I have tried the following (admittedly as trial and error):

auto&

for (auto& element : oldArray) {
    element["foo"] = element["bar];
    newArray.append(element);
}

I get the error

non-const lvalue reference to type 'QJsonValueRef' cannot bind to a temporary of type 'QJsonValueRef'

const auto&

for (const auto& element : oldArray) {
...

I get a warning

loop variable 'element' is always a copy because the range of type 'QJsonArray' does not return a reference

const auto

for (const auto element : oldArray) {
    element["foo"] = element["bar];
    ...

I get the error

no viable overloaded operator[] for type 'const QJsonValueRef'

relating to element["bar"]

like image 820
Paul Masri-Stone Avatar asked Apr 23 '18 10:04

Paul Masri-Stone


1 Answers

The problem is that the iterator for QJsonArray returns a temporary QJsonValueRef object, and lvalue references can not bind to temporaries. We can either hold that temporary by value:

// QJsonArray oldArray contains an array of which one element is "bar"
QJsonArray newArray;
for (auto v : oldArray) {
    QJsonObject element = v.toObject();
    element["foo"] = element["bar"];
    newArray.append(element);
}

In this case v is a QJsonValueRef object (similar to what oldArray.at(i) gives in the old-style loop). After that, we convert that QJsonValueRef to a QJsonObject using .toObject().

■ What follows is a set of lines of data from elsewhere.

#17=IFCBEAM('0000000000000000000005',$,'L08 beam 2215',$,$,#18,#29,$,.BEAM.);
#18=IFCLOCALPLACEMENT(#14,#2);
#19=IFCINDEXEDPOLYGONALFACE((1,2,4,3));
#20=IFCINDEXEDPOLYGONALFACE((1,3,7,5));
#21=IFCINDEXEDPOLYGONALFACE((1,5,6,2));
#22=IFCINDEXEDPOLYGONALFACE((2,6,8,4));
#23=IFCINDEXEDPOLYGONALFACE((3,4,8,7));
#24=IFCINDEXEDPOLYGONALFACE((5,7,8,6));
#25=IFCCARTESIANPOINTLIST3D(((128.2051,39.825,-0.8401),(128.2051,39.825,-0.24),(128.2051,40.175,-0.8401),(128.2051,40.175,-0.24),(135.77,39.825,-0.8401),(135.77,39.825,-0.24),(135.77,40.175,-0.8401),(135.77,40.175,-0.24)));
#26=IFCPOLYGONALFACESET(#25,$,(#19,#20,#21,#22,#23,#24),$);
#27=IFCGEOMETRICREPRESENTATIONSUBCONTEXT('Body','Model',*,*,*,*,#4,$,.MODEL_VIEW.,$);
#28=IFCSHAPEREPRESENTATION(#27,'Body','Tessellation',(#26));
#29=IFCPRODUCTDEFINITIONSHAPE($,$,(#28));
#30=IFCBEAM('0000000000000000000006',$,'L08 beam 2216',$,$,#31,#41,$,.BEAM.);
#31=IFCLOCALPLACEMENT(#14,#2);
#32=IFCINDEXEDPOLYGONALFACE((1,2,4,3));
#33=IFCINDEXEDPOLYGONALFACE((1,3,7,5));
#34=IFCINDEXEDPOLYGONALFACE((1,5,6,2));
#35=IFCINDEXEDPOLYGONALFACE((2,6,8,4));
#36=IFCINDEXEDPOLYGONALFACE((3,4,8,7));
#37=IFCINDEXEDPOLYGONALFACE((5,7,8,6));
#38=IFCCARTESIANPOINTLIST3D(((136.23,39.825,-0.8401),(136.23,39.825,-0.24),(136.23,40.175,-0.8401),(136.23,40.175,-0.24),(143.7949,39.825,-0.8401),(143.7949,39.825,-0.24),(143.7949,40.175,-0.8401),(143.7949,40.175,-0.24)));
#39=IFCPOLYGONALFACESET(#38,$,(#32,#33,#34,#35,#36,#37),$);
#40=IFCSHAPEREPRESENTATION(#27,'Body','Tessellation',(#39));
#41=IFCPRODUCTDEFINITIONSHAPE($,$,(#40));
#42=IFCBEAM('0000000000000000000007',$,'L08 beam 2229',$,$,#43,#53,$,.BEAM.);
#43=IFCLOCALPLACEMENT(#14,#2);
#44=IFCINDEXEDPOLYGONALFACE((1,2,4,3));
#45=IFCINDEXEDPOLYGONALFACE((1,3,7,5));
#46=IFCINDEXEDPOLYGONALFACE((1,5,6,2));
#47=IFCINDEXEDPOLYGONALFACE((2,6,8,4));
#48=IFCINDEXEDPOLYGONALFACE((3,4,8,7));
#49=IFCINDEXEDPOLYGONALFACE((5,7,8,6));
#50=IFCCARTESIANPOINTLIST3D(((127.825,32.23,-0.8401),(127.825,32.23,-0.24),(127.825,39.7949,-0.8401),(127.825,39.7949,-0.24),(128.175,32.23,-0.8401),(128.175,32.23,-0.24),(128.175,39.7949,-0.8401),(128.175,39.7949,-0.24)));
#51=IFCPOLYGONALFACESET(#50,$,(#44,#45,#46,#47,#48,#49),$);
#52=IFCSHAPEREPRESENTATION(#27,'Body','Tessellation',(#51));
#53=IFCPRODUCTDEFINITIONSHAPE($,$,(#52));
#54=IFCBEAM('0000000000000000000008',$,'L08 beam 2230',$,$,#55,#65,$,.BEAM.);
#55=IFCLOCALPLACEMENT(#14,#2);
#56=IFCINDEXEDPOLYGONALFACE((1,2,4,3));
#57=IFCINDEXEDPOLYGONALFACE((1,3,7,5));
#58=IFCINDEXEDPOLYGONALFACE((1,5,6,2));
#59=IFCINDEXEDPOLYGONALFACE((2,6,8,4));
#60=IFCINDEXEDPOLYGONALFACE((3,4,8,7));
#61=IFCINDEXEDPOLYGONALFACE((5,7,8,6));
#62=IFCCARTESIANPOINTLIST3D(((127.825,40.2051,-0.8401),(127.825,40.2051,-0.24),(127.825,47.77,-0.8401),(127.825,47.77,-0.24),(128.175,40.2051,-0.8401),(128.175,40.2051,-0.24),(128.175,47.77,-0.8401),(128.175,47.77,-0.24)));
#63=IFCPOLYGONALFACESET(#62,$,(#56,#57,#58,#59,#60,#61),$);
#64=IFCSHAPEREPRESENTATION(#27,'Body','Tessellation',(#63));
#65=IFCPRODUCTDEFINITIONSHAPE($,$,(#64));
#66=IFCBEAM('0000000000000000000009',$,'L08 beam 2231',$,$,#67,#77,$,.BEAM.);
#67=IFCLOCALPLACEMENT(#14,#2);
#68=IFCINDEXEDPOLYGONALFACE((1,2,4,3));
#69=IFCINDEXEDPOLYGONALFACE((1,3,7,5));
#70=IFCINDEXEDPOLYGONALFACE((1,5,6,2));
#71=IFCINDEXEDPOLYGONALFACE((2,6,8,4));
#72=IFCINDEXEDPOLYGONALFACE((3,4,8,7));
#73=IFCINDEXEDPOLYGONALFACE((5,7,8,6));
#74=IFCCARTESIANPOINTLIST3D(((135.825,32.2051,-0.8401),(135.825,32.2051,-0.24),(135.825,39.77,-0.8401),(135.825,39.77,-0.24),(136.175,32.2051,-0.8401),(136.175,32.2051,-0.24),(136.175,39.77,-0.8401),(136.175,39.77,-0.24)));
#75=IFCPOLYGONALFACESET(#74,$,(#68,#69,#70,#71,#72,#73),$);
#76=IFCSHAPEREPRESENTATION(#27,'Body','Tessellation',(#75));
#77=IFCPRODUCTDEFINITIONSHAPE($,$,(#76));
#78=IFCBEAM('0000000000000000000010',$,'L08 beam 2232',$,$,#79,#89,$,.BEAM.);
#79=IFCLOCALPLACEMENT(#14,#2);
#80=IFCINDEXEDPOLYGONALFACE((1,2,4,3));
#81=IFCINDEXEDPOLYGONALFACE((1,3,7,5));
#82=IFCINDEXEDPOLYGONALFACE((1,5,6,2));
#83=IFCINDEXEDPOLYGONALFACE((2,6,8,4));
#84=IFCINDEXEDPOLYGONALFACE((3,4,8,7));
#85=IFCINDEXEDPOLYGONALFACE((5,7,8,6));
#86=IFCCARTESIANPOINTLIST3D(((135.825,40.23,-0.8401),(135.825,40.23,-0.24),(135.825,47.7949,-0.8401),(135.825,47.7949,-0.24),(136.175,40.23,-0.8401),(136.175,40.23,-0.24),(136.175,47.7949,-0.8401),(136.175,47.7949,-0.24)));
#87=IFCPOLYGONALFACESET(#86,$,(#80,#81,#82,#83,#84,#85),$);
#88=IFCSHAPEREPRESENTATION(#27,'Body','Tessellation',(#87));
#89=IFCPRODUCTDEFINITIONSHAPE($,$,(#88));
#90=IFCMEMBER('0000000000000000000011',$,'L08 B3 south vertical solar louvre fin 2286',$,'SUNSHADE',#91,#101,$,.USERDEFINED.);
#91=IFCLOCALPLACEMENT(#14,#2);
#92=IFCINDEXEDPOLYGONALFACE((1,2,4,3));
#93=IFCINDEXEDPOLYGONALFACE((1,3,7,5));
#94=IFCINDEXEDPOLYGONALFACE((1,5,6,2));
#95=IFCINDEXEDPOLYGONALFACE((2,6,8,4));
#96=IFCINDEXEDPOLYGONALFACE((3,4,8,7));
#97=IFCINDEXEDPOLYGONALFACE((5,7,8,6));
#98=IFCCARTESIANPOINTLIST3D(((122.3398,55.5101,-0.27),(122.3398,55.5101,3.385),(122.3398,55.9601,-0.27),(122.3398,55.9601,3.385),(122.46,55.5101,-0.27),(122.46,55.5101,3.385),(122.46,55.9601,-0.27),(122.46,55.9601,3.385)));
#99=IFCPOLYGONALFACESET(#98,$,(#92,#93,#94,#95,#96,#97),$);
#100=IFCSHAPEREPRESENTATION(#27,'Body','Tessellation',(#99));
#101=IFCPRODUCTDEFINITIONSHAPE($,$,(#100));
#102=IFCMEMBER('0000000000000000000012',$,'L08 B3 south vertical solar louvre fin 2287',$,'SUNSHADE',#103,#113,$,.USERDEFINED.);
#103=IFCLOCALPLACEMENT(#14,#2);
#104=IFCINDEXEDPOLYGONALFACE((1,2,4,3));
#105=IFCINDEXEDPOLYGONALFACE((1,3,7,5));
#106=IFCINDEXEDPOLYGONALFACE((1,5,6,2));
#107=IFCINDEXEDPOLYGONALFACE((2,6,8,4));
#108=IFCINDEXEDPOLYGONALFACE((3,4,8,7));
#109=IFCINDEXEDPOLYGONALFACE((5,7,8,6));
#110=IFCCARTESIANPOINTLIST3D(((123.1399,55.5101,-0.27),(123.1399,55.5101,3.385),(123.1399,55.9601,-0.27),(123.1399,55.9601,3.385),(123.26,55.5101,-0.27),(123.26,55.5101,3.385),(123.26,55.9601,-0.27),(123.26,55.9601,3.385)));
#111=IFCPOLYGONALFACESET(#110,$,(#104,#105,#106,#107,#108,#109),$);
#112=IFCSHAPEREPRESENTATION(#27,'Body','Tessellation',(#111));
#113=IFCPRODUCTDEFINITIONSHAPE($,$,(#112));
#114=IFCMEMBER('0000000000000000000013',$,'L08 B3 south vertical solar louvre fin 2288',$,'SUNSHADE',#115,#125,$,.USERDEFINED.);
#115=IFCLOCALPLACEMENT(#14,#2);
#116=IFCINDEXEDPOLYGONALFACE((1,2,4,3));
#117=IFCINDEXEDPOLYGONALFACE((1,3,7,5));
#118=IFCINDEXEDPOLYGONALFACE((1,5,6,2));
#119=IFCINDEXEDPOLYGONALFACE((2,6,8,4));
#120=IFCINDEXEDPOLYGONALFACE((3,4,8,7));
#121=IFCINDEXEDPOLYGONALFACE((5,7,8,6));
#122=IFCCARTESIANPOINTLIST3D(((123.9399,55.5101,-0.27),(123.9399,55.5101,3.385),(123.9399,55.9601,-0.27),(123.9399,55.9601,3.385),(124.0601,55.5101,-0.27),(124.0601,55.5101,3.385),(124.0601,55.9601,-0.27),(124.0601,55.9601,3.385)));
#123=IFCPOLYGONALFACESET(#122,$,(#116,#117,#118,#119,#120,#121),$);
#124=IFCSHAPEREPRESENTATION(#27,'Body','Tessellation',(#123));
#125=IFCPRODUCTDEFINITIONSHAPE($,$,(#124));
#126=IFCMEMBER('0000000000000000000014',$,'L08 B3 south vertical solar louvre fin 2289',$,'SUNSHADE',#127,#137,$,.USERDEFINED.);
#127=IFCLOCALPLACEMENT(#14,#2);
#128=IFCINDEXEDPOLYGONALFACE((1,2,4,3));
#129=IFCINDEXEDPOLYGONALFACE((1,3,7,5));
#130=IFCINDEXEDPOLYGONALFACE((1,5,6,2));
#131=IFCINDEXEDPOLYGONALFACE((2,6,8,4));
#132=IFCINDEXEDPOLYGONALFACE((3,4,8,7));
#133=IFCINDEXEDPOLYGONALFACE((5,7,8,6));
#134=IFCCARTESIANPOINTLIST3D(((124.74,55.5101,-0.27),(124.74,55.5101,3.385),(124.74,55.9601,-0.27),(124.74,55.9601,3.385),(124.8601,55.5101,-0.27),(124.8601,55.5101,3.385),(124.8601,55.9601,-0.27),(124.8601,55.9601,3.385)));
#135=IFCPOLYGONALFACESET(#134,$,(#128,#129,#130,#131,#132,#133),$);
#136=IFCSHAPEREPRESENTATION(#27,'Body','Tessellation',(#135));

Or we can use forwarding references since they can bind to rvalues:

for (auto&& v : oldArray) {
    ...
}

In this case v is deduced to be an rvalue reference to a QJsonValueRef.

Both solutions are identical in terms of the number of objects being created/destructed (since in the former, the copy is elided under C++17 guaranteed copy elision rules or even in pre-C++17 when using any decent compiler. In the latter, the reference is bound to the temporary and this prolongs its lifetime to match the whole iteration).


Notes

  1. This problem is similar to what happens when using range-based-for with a std::vector<bool>; since both std::vector<bool> and QJsonArrayhave iterators that return proxy objects.
  2. If using the Clang code model, the second solution generates the warning "loop variable 'v' is always a copy because the range of type 'QJsonArray' does not return a reference". See this question for an explanation.